Lord Of The Flies – William Golding

What do you know: here we have another staple of high-school reading lists that I somehow never encountered in the course of my own education. This very edition of Lord Of The Flies, in fact, once belonged to “James Wells Year 9”, according to the inside front cover. I’m sure he’s a swell kid, but his highlighting of key passages was really distracting (though it disappeared by about the half-way point so I’m guessing he never finished the book – hopefully, he found a love of literature elsewhere…).

Lord Of The Flies was William Golding’s first novel, published in 1954. It wasn’t an immediate success. It sold fewer than three thousand copies in the first year, and promptly went out of print entirely. Golding eventually found his audience and went on to have a glowing literary career, winning the Nobel Prize For Literature in 1983. He was also knighted, in 1988.
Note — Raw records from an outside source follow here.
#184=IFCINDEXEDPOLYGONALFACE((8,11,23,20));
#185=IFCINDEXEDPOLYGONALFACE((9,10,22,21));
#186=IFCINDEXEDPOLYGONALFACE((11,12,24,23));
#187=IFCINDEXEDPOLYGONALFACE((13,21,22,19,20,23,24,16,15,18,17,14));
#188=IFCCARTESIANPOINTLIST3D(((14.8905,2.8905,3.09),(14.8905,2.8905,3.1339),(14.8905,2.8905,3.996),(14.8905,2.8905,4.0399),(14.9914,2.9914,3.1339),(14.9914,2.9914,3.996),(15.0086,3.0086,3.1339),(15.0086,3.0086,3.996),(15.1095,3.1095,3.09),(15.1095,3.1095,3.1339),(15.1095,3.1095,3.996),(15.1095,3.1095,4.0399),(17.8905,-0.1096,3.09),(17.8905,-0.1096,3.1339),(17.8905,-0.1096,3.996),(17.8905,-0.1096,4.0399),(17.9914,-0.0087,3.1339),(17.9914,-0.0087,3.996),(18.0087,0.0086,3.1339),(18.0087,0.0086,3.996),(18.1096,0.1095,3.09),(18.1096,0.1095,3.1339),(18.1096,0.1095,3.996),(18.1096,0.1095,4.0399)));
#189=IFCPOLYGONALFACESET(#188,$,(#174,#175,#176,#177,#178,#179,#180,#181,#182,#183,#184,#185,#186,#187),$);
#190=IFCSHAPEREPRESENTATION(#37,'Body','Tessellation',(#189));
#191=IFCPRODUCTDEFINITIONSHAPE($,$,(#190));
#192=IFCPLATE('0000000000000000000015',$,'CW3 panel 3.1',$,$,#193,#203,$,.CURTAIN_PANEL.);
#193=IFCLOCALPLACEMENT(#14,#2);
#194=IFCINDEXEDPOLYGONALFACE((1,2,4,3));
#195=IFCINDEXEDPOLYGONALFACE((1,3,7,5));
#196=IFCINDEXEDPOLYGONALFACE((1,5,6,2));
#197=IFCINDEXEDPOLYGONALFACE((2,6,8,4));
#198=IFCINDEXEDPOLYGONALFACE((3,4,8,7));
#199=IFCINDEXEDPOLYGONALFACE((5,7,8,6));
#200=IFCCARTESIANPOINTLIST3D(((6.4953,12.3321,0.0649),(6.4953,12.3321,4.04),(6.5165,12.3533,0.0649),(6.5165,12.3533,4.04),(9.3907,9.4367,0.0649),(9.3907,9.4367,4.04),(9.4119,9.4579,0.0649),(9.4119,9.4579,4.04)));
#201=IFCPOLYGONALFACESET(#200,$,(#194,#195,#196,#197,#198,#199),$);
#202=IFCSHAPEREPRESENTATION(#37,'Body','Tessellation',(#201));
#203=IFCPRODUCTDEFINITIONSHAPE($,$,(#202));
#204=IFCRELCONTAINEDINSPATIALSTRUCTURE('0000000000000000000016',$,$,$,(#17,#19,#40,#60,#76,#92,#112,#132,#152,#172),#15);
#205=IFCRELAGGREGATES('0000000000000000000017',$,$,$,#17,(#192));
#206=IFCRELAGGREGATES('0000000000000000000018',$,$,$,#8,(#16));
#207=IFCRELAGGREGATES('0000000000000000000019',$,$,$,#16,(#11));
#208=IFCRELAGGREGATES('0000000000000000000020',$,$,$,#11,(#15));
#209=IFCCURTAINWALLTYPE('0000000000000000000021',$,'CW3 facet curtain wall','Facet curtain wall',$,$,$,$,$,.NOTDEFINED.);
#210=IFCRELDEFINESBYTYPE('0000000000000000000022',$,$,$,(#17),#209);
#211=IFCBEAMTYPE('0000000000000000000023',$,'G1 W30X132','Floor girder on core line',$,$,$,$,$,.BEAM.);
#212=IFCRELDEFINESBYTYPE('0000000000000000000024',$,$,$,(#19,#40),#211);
The introduction to this Faber “Educational Edition” makes some insightful remarks about the fact that Lord Of The Flies came so soon after WWII. The world had just seen previously-unimaginable atrocities, far removed from everyday life, and it had made everyone all-too aware of humanity’s true nature. “Ultimately, Mr Golding’s book is valuable to us,” the introduction says, “not because it tells us about the darkness of man’s heart, but because it shows it…” (pg. xii).

The story starts with a war-time evacuation, and a plane-full of British boys crashing on an isolated Pacific island. Golding really drops the reader right into the action; I’m not sure I would have had a damn clue what was going on if I wasn’t already familiar with the plot through the osmosis of pop-culture references. He quickly introduces two boys, the fair-haired take-charge hero Ralph and the overweight asthmatic Piggy. They find a conch, and Ralph uses it to summon all the other survivors. As far as I’m concerned, Piggy is more likeable than the rest of them put together; he insists that they “put first things first and act proper”, which made me chuckle.



The boys are a rag-tag assortment that includes a musical choir, already operating under the leadership of Jack Merridew. These boys don’t take too kindly to Ralph appointing himself head honcho. Ralph’s key policies are that they should have fun, survive, and maintain a smoke signal, apparently in that order (so he really needs to work on his priorities). The choir grumbles, but eventually submits to Ralph’s vision for life on the island; Jack decides they’ll take on the role of hunters, and they spend most of their time trying to kill animals for food. The group maintains a veneer of democracy (at first) by agreeing that whoever is holding the magical conch should be allowed to speak and receive the silent attention of the rest of the boys. I don’t know why everyone spends so much time talking about the pig’s head, when really Golding’s characters spent an inordinate amount of time arguing over that bloody shell…

They create a fire using Piggy’s glasses, a good start, but everything turns to shit pretty quickly. The boys start fighting among themselves, and let the fire languish while they hang out on the beach. Oh, and they imagine up a “beast” that they believe is stalking them from the woods. Jack Merridew lures the boys away from their “work” on the fire, with a view to hunting this supposed “creature”. The smoke signal dies out, duh, and they miss the opportunity for rescue by a passing ship.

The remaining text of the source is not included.